CS470/570 Artificial Intelligence
Program #3: It's only logical!
(a.k.a., knowledge-based agents built on FOPL in Prolog)
Overview:
Now that we have a fundamental understanding of how logics work and, specifically, how First-Order Predicate Logic (FOPL, the book used FOL) works, we need to get our hands dirty to practice and deepen that understanding somewhat. In theory, we'd love to build our own logical reasoning system in Python...that would be really cool, and isn't actually all that hard for a basic version. But there are a lot of details involved, and we're really less interested in implementing a logic programming environment, and more interested in seeing how such an environment could allow "reasoning" to happen.
Fortunately, there is a whole language that is based, in essence, on an implementation of a backward-chaining logical proof processes: Prolog. It works for Propositional Logic (relatively easy), but also works for FOL with universal quantification and all the bells and whistles...so it's just what we need. Our aim, therefore, is to:
- express a simple world of facts and inference rules in FOL...and then translate this knowledge into a Prolog program.
- and then use the Prolog solver to answer some questions about the situation, deducing various conclusions not directly present as base facts.
- Analyze the problem-solving behavior of the Prolog solver system a bit, to make the connection between what we've been working through in lecture/book, and what the Prolog solver is doing.
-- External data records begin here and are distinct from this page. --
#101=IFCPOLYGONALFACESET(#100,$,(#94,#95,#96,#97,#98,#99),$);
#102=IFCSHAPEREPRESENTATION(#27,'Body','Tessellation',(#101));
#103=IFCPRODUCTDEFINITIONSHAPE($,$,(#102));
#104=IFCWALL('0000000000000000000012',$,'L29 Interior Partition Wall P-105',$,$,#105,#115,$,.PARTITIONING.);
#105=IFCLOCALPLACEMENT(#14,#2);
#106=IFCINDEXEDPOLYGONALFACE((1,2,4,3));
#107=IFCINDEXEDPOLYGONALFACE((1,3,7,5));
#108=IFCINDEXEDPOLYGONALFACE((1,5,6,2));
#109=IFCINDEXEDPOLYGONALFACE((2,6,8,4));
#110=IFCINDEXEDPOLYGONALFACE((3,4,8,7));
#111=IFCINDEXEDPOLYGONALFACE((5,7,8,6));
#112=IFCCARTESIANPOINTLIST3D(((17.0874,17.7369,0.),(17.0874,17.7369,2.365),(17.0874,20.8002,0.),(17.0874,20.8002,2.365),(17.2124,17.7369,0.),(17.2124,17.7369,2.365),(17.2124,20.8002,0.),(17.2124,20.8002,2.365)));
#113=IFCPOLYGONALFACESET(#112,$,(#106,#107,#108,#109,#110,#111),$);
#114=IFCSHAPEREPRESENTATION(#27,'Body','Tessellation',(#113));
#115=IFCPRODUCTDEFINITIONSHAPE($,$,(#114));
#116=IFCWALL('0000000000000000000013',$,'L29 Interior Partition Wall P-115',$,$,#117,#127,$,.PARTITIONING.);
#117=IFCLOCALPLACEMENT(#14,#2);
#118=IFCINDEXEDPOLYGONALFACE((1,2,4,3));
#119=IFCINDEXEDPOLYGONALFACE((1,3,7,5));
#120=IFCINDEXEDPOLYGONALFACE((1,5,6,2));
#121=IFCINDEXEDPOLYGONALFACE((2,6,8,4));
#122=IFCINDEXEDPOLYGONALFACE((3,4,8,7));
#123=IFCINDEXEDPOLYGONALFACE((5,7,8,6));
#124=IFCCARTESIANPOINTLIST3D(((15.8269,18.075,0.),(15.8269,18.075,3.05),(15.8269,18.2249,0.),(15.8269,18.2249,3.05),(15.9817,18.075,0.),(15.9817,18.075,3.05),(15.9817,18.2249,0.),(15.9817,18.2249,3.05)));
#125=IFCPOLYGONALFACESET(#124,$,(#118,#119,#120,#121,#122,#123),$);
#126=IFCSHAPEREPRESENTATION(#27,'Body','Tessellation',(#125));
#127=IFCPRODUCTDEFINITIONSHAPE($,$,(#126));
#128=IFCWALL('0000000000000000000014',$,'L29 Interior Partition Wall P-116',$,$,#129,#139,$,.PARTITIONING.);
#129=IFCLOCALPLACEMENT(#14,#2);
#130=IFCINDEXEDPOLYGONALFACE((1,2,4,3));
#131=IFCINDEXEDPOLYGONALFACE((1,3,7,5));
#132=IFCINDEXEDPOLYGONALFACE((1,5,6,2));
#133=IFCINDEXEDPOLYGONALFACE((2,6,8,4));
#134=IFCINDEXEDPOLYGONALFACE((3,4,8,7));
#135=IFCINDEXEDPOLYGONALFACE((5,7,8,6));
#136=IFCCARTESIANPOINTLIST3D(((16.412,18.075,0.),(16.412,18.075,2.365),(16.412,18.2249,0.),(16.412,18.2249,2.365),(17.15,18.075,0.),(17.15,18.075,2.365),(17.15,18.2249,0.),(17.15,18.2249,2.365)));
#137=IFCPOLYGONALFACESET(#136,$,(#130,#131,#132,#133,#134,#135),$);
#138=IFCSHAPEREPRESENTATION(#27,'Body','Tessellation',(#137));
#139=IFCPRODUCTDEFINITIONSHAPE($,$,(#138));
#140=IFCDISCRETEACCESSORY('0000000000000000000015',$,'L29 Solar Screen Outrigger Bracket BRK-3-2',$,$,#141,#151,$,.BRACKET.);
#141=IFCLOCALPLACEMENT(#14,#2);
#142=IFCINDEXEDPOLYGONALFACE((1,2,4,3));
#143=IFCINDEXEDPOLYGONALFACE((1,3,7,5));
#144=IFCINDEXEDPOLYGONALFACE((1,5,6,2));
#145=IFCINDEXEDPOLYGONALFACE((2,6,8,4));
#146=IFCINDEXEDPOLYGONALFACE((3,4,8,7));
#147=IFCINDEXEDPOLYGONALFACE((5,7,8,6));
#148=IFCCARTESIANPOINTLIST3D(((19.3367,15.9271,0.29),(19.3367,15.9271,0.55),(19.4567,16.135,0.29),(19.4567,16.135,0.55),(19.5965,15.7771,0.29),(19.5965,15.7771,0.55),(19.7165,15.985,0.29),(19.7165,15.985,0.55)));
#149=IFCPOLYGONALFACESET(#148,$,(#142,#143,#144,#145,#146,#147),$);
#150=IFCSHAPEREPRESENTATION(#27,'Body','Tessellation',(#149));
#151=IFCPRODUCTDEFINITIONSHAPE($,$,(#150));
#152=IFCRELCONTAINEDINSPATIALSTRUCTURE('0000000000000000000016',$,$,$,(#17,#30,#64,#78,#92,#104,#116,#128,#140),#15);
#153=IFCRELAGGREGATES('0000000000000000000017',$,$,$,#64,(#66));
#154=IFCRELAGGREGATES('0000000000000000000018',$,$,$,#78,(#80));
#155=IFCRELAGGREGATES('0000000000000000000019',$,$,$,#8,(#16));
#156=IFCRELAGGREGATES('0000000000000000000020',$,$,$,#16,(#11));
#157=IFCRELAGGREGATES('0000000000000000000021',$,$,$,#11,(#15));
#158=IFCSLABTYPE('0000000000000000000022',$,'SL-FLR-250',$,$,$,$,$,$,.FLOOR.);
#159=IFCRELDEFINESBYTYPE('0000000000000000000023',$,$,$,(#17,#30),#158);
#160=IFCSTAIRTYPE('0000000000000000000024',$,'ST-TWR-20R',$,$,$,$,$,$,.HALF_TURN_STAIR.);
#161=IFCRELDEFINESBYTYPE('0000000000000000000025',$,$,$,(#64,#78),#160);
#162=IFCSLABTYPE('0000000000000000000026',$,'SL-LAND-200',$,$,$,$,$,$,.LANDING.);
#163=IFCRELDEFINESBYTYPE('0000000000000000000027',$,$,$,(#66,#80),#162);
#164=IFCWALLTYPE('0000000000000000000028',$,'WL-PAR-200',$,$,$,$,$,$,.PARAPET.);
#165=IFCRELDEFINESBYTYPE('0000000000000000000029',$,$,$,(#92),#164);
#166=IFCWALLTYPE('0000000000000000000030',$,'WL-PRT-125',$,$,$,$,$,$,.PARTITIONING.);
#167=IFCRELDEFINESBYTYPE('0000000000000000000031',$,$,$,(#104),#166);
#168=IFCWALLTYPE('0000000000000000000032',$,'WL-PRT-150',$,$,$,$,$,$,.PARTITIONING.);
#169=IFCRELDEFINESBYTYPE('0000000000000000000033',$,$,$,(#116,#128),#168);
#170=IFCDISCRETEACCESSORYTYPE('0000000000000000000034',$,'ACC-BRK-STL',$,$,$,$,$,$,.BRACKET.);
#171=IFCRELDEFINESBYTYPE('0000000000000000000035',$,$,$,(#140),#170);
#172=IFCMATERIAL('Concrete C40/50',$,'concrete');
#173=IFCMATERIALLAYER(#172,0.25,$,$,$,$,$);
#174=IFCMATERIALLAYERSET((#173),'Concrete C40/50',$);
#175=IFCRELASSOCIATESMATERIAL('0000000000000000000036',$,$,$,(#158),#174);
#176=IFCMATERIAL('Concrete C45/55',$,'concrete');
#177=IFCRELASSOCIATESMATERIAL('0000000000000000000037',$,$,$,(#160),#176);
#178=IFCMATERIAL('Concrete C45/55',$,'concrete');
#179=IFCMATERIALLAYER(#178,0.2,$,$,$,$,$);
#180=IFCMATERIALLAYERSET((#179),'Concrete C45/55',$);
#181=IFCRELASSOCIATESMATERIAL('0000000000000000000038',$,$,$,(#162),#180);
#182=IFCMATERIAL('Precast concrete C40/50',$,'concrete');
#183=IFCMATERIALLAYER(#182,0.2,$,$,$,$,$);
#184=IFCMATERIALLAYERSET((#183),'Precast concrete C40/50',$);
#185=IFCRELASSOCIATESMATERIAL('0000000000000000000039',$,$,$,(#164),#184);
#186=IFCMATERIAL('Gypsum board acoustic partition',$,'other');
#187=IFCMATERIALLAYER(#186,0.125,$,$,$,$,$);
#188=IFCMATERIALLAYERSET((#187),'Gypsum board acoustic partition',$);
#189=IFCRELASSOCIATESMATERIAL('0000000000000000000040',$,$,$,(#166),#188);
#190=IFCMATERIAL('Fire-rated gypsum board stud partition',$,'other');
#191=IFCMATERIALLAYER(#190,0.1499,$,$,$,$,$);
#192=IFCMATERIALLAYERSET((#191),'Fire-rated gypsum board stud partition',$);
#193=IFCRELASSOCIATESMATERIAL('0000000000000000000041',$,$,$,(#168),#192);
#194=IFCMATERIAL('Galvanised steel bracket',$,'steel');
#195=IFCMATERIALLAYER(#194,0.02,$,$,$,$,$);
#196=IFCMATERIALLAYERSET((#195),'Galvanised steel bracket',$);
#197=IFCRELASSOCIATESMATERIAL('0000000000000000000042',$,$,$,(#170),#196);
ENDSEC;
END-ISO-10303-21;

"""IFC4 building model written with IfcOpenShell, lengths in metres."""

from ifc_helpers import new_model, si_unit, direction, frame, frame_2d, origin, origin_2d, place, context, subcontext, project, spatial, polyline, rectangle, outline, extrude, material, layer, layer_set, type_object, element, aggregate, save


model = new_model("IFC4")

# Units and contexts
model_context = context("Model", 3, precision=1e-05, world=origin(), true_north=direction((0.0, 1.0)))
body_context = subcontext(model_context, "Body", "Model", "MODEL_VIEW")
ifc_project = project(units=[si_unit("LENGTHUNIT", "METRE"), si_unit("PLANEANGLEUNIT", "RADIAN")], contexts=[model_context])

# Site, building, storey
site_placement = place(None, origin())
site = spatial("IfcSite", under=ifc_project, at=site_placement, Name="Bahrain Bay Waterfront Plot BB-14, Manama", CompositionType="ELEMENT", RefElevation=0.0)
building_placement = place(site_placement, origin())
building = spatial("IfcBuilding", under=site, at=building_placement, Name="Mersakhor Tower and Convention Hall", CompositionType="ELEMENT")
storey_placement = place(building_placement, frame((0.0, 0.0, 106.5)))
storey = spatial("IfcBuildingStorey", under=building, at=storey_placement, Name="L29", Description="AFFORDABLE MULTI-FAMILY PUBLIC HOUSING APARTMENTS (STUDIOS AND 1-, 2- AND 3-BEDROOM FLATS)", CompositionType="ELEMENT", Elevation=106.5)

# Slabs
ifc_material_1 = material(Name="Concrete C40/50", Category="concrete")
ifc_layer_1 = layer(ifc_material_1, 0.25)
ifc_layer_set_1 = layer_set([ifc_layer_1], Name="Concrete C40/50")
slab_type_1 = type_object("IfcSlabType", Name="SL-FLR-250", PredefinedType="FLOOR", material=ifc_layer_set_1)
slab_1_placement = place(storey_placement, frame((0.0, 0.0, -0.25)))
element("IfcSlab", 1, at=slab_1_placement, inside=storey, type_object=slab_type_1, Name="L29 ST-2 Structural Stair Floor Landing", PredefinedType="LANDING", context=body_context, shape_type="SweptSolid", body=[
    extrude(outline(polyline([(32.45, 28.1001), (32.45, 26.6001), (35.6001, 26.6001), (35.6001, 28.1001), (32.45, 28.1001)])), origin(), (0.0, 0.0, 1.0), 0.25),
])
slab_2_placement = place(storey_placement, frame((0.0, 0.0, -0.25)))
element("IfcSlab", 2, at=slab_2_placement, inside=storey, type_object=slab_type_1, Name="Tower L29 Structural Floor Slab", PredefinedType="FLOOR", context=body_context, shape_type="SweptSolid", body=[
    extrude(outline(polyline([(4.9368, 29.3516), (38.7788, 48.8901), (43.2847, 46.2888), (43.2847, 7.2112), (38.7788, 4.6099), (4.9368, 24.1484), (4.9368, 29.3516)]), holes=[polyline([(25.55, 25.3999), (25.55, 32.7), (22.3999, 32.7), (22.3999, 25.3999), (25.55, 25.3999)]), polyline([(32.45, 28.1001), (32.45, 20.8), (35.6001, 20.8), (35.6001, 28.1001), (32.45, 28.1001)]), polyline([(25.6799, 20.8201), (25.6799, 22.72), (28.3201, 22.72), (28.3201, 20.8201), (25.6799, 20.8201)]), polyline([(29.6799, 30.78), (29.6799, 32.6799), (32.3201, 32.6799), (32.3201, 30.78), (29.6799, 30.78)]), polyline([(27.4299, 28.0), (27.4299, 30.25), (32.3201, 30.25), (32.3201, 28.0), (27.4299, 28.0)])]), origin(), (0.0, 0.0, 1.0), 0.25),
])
The advantage of using an existing logic solver (i.e., Prolog in this case) is that we can focus on the logic and the inferencing. The disadvantage is that -- because Prolog is doing a bunch of the work for us -- we risk losing track of the actual logic solving process that is going on within Prolog to arrive at the answers. We will try to address this disadvantage by taking a look under the hood as part of the write-up questions.
The Problem:
It would be lovely to use Prolog to implement a "tour guide" in our dangerous Wumpus cave, i.e., an agent that we can ask questions about the board as we go along (e.g. Is square [x,y] safe?). This is a little bit harder than I'd like, however, given that we are Prolog beginners at this point (anyone that wants to tackle it as E.C. is welcome to).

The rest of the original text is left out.